24 April 2008

from darfur, with love

"Tomorrow will be the fifth anniversary of the Darfur conflict. On this occasion, a remarkable petition, consisting of over 30,000 handwritten signatures and testimonies from Darfuri refugees, will be submitted to Gordon Brown in Downing street."

you can read the entire post here. when i first read about the petition, it made me cry.

22 April 2008

the quirks of US politics

you can imagine my surprise at this particular headline, 'pay up or risk long battle, obama told' in today's guardian. the lead paragraph surprised me even more:

"Barack Obama has been warned that his refusal to pay the traditional "street money" to local operatives to help get the vote out in Philadelphia today could cost him the crucial percentage points needed to knock Hillary Clinton out of the race for the White House."

my immediate impression was that of bribery and gang warfare, reminiscent of politics in many parts of the world. as i continued reading however, i learned that 'street money' is apparently a normal practice in america:

"The committee people and the ward leaders have to buy lunch for hundreds of people, otherwise they won't have good workers. They have to buy coffee, orange juice and doughnuts. That's just the way it is."

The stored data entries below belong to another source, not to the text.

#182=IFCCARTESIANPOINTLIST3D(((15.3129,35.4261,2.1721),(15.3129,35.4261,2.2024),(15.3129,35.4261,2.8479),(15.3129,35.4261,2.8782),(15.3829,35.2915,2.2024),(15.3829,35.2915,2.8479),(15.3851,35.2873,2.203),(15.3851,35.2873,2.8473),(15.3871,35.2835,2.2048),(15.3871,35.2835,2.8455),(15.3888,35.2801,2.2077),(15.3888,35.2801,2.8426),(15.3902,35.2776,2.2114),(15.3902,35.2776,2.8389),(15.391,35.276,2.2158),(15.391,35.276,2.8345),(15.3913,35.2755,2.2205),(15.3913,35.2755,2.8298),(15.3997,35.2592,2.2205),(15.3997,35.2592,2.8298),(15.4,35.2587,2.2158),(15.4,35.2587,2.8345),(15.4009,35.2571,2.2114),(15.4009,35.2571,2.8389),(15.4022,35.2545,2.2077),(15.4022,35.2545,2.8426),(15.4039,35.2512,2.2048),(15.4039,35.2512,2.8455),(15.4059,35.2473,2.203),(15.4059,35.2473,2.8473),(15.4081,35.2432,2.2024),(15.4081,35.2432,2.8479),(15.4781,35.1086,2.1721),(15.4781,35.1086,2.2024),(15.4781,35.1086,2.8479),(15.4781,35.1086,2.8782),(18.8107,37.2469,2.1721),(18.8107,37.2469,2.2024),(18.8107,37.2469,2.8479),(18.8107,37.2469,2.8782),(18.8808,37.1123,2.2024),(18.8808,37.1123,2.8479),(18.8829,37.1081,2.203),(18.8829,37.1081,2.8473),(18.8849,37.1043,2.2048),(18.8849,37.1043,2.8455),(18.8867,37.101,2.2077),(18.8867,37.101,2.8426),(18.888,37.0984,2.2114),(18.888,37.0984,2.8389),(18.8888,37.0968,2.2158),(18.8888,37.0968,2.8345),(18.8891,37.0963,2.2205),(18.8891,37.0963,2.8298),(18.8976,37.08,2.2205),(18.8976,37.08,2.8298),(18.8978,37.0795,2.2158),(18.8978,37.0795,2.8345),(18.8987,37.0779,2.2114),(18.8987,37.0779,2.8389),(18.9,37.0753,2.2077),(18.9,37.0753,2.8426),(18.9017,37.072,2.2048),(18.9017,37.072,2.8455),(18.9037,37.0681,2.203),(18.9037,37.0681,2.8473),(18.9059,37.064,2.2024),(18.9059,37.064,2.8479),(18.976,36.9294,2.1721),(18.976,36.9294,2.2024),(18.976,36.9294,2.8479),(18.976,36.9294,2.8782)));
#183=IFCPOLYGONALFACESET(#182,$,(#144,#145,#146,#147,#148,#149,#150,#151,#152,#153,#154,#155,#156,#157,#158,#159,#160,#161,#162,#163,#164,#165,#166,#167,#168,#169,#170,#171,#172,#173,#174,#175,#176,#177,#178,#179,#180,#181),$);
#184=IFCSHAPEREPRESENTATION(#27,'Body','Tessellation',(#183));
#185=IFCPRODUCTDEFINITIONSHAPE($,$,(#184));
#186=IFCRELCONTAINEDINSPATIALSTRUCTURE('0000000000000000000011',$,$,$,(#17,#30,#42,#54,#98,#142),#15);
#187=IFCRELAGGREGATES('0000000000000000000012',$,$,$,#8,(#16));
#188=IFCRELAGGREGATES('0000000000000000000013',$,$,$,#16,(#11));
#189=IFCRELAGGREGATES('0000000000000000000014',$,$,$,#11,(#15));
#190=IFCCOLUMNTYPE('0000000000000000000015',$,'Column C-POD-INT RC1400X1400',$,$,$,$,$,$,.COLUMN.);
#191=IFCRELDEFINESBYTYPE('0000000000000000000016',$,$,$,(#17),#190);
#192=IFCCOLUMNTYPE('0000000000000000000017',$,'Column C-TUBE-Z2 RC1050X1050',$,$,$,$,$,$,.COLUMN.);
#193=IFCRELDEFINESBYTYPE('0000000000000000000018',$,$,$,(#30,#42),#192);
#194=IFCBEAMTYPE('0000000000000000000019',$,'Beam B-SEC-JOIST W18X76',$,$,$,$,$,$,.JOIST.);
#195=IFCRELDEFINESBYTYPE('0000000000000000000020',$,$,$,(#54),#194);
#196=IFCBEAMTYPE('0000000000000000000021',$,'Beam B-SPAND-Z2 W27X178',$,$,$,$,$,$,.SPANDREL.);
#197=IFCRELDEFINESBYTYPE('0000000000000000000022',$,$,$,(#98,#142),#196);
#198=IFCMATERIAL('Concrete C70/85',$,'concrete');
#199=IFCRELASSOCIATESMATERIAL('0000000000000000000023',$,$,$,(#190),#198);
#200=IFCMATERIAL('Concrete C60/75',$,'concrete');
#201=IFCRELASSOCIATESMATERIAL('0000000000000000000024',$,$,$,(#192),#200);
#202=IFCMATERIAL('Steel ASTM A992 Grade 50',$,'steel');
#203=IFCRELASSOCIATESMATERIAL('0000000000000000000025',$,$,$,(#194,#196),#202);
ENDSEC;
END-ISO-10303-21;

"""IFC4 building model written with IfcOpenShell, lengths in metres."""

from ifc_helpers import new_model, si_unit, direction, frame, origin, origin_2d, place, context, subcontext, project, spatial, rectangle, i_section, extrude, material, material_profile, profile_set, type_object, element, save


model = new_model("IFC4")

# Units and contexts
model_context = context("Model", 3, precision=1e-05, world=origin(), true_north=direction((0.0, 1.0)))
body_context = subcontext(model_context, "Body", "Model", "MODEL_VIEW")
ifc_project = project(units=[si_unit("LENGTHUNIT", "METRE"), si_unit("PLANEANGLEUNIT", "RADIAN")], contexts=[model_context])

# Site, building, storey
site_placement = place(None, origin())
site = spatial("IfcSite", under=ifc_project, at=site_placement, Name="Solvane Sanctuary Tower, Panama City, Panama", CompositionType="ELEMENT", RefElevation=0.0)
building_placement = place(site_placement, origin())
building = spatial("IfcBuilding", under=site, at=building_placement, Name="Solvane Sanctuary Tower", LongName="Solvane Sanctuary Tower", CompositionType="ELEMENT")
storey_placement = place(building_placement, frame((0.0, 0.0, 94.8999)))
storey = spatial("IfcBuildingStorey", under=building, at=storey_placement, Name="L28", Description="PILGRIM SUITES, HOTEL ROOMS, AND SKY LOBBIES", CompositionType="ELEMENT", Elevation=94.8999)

i also learned that obama has not been playing by the rules, instead building up his own 'volunteer network'. if he hadn't, estimates suggest he would've paid out between usd 400,000-500,000 (just in philadelphia). wow. maybe this is why he hasn't reported any debts yet, unlike hilary.

but seriously, the amounts of money involved in the us presidential elections are
staggering. and disturbing.

another disturbing (but highly amusing) story told to my news class by scmp's foreign correspondent last week: when he was covering the 2000 elections, he went to a town in new hampshire, where al gore was to speak. there were apparently many student supporters present, ready to wave their banners and all as soon as the tv cameras arrived. none of them however, were in fact from new hampshire; they'd all been transported from columbia university and other places.

again reminiscent of political practices in other countries. countries where we're trying to change the norms.

15 April 2008

hk's three-month health care reform 'consultation'

health care reform in hk has been on the books for a long time, with one of the first commissioned reports appearing in 1999. nearly 10 years later, the government has prepared yet another report, which is now (supposedly) under public consultation. in other words, you have three months to choose from a list of options set out in the report.

from the government's point of view, it is the financing of hk's health care that is in need of urgent reform, due to 'an aging population and rising medical costs' which are an increasing burden on the current tax funded health care system. for this reason, a substantial part of the report focuses on different financing options, all of which require additional funding. from the middle class it seems.

legislator fernando cheung notes the absurdity of the government refusing to tax capital while insisting on the necessity of taxing those with an average wage of hkd 10, 000 or more in its various financing options (such as a mandatory medical savings account like in singapore).

"one cannot but feel that true to its character as a bulwark of business, the SAR government recognizes a tax only when it is levied on profit-making; when a tax is levied on wage-earners, the government finds it appropriate to call the tax by numerous other names except admit it is a tax... the government owes society an explanation as to why it considers it appropriate to impose the entire burden on wage-earners with monthly income at $10,000 and above."

it is therefore important that issues of equity and access are discussed, and some social consensus reached on the reasons and benefits of health care reform and financing.

01 April 2008

cairo cycler's club

while living in cairo, i would never have envisioned a cycler's club as being feasible, let alone something i (or my friends!) would join. while i'm still not confident enough on a bike to think of navigating cairo's crazy streets, i am very excited that such a club exists. all the more so since it involves social activism, awareness and ck! (did you get the helmets yet?!)